Hacker News Word Search - wsman
http://www.mywordpuzzles.com/hnws/

======
1331
I used to teach English to young kids in Korea about ten years ago. The
curriculum was set by the school, and a common task was doing word search
puzzles. Some students were adept at finding words, and many other students
would try to get through the task as quickly as possible by cheating off of
them. Aside from the obvious strategy of rule enforcement, one way to
discourage cheating is to simply give each student a different puzzle. The
words to find are the same, but the arrangement of letters is different for
each student.

It is trivial to write a program to generate word search puzzles, so I decided
to make the problem more interesting by adding a difficulty parameter.
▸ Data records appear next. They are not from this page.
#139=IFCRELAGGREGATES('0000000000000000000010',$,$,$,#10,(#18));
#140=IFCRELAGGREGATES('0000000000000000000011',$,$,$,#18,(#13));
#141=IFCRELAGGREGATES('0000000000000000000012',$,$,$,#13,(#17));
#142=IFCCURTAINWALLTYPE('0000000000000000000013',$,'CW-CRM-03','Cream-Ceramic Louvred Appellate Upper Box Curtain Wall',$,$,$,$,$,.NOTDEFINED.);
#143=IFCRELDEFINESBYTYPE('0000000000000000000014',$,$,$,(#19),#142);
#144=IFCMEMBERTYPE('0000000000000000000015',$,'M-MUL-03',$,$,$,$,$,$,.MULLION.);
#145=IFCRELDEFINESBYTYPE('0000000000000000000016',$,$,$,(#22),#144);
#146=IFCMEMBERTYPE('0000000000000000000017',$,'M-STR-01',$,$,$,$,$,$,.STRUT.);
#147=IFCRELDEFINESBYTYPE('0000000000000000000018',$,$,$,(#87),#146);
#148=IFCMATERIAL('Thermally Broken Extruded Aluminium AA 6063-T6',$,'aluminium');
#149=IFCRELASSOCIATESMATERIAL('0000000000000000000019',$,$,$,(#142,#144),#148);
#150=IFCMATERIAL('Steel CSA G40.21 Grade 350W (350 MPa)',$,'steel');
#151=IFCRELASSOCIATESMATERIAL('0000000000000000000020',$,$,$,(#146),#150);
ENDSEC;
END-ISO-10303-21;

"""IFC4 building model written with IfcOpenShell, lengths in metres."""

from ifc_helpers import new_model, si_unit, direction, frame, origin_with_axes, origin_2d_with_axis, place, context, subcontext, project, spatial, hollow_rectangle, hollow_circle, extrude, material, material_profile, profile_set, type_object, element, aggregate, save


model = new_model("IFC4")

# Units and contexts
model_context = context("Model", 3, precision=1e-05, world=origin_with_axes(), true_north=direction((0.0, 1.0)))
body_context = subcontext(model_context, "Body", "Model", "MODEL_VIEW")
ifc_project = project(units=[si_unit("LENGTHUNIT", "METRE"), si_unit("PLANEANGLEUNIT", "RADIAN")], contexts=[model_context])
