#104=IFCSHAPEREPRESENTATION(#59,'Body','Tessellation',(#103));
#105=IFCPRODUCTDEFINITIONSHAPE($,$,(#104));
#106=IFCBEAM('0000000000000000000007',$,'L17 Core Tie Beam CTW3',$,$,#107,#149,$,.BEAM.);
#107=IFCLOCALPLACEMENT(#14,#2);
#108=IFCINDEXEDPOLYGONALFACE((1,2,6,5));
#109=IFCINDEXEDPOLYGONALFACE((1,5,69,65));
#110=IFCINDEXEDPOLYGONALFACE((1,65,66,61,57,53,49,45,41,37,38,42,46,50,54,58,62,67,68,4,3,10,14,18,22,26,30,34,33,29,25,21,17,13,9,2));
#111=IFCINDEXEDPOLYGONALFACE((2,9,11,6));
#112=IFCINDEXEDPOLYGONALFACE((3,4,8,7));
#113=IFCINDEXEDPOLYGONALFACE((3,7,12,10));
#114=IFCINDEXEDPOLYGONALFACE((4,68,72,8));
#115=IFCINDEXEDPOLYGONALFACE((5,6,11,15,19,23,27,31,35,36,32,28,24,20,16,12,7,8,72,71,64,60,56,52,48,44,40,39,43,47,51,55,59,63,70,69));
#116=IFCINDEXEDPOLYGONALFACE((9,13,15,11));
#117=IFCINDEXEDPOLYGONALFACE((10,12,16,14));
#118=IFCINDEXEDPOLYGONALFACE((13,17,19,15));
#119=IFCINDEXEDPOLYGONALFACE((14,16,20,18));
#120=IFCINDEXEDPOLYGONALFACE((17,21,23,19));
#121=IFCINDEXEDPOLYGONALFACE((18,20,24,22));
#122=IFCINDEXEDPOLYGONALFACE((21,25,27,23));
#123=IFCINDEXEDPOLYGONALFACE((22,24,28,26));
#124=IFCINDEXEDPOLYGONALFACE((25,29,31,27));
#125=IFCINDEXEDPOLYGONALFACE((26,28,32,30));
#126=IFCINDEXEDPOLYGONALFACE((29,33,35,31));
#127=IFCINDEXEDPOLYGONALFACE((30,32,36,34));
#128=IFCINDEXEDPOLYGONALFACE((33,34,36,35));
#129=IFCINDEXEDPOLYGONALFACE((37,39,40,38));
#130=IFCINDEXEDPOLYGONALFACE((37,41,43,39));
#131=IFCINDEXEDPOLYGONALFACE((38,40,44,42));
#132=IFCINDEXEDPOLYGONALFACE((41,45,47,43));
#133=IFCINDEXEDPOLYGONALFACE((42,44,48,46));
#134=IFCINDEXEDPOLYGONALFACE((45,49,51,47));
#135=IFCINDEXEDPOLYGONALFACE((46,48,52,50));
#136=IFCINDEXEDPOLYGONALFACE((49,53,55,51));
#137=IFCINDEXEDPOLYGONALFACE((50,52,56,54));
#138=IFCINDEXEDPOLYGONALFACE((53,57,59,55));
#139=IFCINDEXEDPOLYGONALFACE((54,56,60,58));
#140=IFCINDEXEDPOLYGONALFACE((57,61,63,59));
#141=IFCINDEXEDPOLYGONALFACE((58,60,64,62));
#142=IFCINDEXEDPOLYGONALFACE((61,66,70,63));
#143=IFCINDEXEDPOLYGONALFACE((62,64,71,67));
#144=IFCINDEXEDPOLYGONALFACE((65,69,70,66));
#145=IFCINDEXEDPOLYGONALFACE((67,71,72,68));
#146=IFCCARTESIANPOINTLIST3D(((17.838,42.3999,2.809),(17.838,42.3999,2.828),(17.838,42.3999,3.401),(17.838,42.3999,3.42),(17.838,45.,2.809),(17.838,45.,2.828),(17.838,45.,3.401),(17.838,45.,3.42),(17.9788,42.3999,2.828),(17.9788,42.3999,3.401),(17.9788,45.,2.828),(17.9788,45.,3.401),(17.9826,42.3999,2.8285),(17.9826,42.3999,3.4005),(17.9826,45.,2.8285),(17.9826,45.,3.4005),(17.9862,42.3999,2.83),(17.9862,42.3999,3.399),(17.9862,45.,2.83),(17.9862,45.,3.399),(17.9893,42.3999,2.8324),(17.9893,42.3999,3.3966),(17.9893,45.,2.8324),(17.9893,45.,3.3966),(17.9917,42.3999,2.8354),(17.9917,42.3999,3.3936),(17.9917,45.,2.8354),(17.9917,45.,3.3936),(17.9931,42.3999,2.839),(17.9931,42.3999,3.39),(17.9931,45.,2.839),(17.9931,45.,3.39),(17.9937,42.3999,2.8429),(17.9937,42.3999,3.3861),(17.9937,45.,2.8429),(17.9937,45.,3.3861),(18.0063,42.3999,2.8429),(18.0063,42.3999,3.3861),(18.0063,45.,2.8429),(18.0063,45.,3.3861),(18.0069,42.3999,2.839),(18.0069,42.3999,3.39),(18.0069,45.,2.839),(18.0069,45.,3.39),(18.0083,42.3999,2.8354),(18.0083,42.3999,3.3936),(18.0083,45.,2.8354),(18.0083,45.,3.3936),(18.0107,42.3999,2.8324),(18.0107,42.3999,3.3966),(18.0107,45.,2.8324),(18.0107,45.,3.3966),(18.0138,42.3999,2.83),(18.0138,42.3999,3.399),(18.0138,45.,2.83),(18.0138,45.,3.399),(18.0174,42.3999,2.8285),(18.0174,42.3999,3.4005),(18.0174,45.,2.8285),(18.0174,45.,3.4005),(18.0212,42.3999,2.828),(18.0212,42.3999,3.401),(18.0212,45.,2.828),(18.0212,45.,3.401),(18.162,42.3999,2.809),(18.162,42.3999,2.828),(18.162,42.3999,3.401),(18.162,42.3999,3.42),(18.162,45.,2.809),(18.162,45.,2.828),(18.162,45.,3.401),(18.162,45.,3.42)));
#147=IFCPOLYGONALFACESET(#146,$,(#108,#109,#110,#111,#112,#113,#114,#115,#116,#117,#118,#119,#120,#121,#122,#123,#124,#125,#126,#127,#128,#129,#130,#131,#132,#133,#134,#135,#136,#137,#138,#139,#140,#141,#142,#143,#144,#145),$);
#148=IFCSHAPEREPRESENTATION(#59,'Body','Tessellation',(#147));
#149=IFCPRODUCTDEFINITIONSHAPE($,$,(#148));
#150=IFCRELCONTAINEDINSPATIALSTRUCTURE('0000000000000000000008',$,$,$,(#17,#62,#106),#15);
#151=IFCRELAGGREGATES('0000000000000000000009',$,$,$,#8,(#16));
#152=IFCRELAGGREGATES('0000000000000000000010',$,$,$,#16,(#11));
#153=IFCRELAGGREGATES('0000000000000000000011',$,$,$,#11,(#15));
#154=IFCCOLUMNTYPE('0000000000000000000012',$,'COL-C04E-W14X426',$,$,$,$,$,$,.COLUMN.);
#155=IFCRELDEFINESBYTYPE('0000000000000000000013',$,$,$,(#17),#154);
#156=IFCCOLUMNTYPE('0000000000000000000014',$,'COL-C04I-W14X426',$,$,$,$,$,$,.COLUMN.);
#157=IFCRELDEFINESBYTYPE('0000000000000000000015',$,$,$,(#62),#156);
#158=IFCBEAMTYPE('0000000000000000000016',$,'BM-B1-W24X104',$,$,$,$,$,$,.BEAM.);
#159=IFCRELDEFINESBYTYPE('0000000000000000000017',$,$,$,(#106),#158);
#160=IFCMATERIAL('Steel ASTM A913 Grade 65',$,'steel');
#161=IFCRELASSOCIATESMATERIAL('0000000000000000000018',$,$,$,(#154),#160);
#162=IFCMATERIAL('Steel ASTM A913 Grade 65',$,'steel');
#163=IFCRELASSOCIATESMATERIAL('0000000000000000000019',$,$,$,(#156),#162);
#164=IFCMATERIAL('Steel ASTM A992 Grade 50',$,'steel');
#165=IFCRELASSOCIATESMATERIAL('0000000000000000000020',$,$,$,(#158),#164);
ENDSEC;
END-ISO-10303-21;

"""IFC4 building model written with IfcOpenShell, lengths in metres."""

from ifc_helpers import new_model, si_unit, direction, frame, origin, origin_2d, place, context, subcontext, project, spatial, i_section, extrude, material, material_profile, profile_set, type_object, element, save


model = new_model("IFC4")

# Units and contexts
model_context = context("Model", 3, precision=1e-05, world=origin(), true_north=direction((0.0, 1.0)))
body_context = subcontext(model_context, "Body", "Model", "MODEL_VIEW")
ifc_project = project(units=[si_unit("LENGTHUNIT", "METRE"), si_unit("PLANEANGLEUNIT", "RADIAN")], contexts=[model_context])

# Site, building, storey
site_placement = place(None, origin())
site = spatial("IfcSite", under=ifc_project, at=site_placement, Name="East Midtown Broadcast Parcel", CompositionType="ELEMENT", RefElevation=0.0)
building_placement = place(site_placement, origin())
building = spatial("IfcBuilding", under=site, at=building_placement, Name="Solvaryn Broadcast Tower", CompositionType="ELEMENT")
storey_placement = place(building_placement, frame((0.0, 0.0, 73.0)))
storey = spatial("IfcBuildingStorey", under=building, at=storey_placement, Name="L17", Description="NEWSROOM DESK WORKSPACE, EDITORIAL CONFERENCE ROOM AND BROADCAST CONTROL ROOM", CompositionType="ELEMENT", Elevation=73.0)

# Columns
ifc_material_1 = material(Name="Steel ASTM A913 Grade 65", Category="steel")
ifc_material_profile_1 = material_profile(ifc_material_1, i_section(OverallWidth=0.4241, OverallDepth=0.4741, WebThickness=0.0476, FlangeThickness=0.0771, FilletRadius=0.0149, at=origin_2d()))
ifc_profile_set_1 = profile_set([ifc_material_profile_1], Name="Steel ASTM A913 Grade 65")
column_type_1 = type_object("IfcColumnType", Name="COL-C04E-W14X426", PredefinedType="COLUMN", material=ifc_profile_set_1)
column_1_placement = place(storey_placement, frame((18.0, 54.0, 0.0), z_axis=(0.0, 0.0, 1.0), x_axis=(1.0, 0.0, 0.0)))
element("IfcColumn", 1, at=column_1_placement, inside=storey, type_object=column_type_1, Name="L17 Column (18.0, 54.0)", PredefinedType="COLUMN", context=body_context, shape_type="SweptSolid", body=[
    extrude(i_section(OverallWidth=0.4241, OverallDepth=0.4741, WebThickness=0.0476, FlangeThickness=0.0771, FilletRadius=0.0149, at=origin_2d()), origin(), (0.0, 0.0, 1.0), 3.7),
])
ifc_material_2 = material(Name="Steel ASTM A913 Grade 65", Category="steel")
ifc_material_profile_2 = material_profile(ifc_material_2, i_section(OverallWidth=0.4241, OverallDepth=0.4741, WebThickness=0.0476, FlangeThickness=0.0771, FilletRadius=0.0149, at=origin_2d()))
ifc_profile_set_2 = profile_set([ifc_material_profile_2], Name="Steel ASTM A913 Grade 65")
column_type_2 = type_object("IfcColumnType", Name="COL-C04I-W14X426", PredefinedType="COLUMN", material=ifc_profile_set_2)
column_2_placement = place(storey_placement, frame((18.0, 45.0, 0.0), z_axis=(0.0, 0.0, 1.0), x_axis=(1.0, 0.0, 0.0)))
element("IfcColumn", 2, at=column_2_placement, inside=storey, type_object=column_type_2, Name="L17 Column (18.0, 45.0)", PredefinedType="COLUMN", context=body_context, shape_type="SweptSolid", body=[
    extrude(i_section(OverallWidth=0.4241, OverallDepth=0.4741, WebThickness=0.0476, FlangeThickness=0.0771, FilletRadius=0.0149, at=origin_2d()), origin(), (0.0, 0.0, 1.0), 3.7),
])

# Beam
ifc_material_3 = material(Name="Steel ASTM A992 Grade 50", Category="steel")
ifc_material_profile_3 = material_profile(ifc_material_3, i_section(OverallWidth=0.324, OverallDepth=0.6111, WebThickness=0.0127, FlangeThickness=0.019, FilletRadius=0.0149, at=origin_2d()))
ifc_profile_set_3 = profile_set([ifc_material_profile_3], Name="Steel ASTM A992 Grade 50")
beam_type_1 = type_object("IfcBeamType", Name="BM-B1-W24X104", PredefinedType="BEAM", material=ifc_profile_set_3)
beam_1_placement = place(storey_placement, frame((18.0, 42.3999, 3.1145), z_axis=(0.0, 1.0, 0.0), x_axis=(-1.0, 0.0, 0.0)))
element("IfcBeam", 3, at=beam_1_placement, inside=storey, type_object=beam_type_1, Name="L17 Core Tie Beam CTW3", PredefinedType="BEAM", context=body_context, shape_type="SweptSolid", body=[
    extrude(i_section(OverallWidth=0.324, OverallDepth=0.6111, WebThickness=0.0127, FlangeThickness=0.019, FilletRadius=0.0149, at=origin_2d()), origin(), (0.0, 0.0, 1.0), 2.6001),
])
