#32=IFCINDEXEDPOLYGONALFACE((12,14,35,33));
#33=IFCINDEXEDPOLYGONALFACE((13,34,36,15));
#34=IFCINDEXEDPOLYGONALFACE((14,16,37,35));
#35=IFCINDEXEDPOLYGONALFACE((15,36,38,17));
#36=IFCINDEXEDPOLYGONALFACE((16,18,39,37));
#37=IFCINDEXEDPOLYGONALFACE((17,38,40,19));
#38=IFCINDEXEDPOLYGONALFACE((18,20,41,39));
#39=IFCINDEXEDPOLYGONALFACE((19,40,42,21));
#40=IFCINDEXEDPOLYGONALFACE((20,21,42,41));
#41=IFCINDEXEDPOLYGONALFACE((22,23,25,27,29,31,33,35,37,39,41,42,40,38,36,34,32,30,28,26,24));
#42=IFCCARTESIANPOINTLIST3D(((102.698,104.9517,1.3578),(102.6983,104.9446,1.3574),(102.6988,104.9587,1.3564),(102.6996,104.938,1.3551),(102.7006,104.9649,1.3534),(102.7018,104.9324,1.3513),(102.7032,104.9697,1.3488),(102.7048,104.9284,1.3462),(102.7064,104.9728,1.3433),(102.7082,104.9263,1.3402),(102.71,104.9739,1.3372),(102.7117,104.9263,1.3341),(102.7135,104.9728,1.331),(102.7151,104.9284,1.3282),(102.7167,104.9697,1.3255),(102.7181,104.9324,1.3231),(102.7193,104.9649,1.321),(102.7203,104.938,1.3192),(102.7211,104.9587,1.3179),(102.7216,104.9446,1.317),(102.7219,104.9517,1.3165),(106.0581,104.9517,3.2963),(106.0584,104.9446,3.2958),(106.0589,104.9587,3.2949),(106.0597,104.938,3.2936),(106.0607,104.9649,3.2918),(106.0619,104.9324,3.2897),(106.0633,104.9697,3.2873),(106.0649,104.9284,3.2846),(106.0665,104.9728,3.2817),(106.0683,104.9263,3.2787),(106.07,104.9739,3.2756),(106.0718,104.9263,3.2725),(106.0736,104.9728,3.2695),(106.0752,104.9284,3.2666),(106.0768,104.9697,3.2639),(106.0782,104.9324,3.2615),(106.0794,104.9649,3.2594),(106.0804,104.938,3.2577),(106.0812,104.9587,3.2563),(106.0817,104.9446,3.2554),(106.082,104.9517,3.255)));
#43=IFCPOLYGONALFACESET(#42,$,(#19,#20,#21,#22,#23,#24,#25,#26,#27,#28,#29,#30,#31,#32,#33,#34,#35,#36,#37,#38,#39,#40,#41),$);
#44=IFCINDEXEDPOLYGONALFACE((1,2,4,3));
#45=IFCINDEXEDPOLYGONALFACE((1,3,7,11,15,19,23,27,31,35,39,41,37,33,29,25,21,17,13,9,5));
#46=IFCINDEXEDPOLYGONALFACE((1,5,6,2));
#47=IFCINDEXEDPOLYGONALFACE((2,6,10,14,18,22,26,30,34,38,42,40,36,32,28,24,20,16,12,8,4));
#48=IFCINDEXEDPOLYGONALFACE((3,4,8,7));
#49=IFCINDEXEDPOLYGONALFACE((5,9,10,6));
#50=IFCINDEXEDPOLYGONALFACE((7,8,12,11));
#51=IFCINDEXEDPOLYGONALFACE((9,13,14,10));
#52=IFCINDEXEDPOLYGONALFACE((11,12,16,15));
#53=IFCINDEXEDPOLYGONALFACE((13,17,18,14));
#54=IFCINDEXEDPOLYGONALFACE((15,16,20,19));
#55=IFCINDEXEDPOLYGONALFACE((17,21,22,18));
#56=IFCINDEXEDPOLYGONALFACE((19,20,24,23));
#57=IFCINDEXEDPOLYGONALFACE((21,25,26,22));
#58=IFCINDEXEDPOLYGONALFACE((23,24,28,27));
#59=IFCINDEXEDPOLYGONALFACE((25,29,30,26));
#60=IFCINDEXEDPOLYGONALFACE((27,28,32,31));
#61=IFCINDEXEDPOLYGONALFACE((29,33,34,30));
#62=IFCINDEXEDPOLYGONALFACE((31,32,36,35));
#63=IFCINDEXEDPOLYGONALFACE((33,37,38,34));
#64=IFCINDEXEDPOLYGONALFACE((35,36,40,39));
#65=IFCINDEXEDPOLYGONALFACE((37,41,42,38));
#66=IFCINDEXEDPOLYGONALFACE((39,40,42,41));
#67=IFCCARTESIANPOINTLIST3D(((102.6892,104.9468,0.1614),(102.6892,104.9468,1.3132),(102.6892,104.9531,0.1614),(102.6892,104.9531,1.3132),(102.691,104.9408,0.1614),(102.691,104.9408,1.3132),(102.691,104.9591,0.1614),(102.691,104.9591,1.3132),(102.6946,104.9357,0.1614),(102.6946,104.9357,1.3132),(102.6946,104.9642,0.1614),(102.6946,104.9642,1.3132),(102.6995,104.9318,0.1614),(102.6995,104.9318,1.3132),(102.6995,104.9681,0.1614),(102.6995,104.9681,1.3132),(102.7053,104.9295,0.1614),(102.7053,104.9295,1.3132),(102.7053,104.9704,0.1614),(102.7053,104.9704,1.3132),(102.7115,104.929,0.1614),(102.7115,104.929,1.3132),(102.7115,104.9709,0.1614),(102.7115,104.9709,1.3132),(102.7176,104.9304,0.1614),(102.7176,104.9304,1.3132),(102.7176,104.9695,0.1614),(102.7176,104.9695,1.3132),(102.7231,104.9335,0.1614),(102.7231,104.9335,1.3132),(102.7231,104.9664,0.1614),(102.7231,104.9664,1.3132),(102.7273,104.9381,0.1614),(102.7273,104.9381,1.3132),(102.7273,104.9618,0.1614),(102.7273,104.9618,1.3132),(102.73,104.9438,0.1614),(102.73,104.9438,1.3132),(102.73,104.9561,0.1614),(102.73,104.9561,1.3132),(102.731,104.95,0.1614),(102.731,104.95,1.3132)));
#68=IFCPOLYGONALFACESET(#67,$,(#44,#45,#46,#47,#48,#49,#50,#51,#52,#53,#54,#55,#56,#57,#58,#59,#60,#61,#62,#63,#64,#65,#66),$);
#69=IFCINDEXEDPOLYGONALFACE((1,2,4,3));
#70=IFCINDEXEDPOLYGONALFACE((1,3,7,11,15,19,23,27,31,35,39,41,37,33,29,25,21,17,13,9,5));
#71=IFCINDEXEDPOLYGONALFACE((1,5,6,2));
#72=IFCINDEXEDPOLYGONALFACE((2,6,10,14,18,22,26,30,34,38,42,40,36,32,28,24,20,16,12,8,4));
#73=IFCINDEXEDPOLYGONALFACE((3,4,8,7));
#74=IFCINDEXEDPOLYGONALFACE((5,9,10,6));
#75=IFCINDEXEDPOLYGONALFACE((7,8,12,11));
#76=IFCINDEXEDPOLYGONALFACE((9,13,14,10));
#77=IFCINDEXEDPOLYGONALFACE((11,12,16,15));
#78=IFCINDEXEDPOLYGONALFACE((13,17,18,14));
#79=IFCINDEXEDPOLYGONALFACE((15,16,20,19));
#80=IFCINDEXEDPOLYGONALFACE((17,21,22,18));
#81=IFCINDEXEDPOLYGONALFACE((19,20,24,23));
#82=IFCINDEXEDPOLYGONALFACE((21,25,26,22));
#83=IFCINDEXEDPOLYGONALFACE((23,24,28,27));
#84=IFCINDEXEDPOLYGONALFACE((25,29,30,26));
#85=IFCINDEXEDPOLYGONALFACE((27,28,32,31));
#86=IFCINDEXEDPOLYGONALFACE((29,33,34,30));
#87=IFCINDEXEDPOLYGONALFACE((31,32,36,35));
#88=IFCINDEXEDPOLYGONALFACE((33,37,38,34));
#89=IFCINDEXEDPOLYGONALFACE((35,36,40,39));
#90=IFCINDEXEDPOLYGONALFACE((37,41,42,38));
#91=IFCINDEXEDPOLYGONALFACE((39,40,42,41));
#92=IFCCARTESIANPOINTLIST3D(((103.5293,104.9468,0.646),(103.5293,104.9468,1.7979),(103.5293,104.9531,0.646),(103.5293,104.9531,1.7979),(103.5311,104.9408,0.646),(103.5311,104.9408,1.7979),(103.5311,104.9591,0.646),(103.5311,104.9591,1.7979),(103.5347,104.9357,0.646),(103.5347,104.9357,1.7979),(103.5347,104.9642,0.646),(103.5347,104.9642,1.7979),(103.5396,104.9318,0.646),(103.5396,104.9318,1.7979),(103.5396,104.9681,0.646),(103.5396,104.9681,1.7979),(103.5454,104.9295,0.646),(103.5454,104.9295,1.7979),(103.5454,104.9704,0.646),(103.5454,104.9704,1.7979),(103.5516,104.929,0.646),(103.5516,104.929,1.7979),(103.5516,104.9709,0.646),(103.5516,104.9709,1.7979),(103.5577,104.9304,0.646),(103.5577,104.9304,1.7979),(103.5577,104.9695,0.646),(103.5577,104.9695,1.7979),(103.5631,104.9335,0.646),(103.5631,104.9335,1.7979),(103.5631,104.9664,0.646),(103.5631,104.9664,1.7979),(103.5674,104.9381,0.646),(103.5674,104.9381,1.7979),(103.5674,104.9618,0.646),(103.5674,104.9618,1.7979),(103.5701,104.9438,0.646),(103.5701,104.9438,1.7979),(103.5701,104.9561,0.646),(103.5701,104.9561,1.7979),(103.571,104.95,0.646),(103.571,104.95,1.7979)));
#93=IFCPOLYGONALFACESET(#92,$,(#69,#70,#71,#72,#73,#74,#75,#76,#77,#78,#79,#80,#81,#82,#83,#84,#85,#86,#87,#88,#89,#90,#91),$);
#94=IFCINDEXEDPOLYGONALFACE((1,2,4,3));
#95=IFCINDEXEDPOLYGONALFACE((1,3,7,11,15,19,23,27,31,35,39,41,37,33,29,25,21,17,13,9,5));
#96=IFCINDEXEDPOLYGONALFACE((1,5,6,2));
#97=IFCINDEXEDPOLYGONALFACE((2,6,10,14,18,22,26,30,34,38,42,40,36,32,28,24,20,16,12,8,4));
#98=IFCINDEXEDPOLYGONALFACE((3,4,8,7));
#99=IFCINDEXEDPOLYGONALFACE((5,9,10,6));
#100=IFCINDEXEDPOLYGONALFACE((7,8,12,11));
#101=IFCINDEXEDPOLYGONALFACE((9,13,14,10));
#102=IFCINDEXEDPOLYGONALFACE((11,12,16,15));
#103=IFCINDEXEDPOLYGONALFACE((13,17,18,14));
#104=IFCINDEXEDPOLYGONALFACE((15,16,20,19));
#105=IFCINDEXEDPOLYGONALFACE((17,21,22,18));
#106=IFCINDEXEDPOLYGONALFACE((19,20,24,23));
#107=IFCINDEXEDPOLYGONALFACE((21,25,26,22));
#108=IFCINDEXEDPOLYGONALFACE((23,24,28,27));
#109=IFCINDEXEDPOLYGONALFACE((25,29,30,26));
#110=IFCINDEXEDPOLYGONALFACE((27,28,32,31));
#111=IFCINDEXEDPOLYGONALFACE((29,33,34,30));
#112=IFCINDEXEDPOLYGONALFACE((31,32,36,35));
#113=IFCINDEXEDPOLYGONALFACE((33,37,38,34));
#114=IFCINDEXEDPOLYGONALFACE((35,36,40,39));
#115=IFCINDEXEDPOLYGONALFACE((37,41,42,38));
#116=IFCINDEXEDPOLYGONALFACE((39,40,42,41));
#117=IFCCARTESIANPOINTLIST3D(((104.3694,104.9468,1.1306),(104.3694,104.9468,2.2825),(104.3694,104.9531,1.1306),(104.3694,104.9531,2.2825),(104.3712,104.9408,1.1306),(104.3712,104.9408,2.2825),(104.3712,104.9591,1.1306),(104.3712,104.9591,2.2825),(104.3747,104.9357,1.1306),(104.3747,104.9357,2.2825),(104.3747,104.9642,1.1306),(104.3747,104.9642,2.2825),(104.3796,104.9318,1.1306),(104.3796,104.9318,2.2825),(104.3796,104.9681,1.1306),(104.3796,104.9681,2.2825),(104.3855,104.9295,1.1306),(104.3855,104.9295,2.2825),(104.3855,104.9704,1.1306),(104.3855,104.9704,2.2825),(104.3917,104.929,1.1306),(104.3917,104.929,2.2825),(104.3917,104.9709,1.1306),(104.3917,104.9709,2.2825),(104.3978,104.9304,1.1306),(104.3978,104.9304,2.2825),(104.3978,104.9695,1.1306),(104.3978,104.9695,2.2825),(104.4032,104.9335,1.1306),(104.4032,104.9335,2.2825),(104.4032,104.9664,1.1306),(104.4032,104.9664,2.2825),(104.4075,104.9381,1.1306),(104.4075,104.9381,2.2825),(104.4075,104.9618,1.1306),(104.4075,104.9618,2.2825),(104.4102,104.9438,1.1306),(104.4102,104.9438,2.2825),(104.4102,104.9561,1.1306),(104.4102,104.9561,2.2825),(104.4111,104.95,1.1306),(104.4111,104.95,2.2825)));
I could
generate puzzles with a range of difficulty by varying the following factors:

* direction -- more difficult puzzles have answers in diagonal and/or reverse directions

* density -- more difficult puzzles do not necessarily have the answers uniformly distributed in the grid but can have dense groupings

* dummy words -- since some students search for any words in the grid, you can fill it with words that are not actually target words to make the task more difficult

* decoys -- you can fill the grid with slight deviations of target words in order to make finding the actual target more difficult

------
po
I like the raphael.js highlighting interface. Would be nice to get a
randomized puzzle/wordbank.

Small bug: if you highlight the same word over and over again, it will
eventually say "Good Work!" as if you finished the puzzle.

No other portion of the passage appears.